# Himilayan Kitten Question



## JackieT (Jan 29, 2005)

We are very excited in my household
Our soon-to-be-babies will be born Aprox. Feb. 11, 2005
The father is a seal point, the mother a tortie point.

Does anyone have an idea as to what the babies may look like??
(would it be a mixture of both, or favor just one parent, etc)
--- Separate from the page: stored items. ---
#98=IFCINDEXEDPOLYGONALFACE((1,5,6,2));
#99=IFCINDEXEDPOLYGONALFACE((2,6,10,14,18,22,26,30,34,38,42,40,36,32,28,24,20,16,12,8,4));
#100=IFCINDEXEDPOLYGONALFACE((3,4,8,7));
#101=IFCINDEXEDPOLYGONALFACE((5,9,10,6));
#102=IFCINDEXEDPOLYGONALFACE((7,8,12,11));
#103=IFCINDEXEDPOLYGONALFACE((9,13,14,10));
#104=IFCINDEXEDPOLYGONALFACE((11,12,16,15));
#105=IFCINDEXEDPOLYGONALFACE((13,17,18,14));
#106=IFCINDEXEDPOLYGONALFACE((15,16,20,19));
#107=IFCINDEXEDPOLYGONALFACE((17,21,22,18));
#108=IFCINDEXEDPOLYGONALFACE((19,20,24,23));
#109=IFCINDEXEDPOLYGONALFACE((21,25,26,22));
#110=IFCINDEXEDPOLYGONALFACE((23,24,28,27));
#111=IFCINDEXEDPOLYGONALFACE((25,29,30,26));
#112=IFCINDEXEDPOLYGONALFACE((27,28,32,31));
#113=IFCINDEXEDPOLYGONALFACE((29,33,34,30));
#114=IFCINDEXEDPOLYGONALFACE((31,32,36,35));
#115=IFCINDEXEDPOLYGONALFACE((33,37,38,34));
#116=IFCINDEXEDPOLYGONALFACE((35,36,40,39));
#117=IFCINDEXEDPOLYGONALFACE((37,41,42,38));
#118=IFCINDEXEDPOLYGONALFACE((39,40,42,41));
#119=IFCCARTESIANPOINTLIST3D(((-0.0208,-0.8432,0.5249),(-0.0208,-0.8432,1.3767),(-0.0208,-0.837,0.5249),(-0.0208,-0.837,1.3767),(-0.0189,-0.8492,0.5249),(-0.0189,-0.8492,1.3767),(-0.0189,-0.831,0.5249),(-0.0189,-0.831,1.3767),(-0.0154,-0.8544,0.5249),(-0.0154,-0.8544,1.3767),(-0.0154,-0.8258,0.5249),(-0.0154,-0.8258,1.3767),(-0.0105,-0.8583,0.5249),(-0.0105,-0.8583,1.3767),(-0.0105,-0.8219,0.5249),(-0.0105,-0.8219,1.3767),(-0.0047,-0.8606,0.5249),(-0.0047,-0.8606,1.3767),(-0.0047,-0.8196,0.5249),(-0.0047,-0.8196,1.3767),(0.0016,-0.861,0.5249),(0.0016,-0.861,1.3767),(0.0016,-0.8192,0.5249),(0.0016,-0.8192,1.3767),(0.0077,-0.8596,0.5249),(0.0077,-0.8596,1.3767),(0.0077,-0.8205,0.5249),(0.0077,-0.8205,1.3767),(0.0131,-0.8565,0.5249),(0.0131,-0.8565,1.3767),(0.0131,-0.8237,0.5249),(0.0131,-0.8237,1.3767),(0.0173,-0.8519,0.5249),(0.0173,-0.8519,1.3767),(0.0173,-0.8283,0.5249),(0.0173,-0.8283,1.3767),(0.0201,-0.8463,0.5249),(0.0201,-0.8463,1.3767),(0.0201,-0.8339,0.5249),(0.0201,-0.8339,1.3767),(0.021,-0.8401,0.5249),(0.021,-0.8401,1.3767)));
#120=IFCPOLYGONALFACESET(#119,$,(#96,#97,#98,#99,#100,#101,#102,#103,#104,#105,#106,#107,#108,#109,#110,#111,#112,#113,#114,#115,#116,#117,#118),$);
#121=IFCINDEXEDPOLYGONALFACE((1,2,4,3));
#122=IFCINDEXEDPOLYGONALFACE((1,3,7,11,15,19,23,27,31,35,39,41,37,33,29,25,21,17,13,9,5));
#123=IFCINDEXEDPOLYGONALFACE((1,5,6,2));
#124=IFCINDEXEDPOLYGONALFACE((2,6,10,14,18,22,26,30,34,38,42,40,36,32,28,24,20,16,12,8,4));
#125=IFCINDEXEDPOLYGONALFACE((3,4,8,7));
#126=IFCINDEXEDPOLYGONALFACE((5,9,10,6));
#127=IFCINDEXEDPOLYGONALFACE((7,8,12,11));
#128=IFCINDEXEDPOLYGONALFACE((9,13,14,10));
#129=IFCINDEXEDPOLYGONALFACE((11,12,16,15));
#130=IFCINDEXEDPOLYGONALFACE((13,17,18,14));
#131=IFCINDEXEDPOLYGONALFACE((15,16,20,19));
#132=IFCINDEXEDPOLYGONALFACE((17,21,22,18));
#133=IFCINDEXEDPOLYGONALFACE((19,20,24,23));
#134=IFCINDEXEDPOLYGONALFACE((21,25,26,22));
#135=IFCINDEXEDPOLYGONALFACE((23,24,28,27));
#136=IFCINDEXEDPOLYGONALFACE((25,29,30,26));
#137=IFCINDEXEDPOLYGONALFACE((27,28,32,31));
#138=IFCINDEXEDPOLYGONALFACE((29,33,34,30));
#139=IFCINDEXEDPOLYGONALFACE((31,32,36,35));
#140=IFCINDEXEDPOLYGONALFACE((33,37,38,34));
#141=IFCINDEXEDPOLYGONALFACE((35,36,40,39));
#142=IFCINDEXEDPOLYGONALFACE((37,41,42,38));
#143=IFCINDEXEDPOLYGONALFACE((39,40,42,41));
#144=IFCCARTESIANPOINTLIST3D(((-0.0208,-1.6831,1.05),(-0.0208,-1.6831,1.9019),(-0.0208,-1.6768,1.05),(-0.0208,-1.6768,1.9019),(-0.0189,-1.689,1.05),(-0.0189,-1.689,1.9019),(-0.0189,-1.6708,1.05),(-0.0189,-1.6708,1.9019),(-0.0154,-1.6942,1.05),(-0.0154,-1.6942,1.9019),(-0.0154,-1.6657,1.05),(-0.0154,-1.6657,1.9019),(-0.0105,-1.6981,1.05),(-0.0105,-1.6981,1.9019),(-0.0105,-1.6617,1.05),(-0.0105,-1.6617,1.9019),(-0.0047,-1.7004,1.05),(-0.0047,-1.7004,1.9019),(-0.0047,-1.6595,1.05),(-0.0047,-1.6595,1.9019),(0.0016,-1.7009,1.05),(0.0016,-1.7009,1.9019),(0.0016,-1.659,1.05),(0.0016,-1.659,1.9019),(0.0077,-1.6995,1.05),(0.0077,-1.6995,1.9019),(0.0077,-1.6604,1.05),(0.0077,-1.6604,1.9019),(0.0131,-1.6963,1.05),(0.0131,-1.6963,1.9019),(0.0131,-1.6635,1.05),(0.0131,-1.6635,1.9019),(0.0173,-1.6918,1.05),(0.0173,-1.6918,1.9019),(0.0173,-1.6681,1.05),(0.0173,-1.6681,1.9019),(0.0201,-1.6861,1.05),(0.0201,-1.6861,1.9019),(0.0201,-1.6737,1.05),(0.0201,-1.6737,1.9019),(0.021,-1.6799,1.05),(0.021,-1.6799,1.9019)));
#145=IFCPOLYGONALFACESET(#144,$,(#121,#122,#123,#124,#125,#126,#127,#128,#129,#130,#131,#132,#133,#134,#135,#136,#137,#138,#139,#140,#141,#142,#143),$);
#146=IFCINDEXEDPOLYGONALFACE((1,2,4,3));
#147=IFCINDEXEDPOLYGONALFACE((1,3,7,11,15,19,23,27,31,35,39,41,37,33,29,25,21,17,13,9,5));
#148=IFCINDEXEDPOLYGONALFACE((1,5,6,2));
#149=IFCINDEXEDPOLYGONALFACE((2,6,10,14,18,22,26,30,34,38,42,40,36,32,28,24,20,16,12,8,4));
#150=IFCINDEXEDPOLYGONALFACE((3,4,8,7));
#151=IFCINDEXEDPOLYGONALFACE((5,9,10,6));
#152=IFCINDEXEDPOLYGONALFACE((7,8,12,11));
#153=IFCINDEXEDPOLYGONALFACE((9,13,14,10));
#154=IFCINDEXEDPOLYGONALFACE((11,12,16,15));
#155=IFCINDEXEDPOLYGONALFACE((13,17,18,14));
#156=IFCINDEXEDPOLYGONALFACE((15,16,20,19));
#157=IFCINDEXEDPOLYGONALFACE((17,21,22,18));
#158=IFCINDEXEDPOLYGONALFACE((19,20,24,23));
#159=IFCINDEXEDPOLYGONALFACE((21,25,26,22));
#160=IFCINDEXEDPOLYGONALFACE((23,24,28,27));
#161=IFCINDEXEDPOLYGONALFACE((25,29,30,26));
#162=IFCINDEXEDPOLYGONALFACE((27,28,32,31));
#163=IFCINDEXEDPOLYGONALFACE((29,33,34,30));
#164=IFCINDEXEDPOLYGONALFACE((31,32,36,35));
I am trying to get anidea of what the marking will look like--- we hope the kittens will favor the father(he sure is a STUD --- heehee) 

I AM SOOO EXCITED!!!!!!

FYI--- be prepared to see posting from me in the future---- I DO have some questions about himalayans that cannnot be found in these books!! :lol:


----------



## Sol (Feb 20, 2003)

There will be red pointed or/and seal pointed males and black tortie pointed and/or seal pointed females.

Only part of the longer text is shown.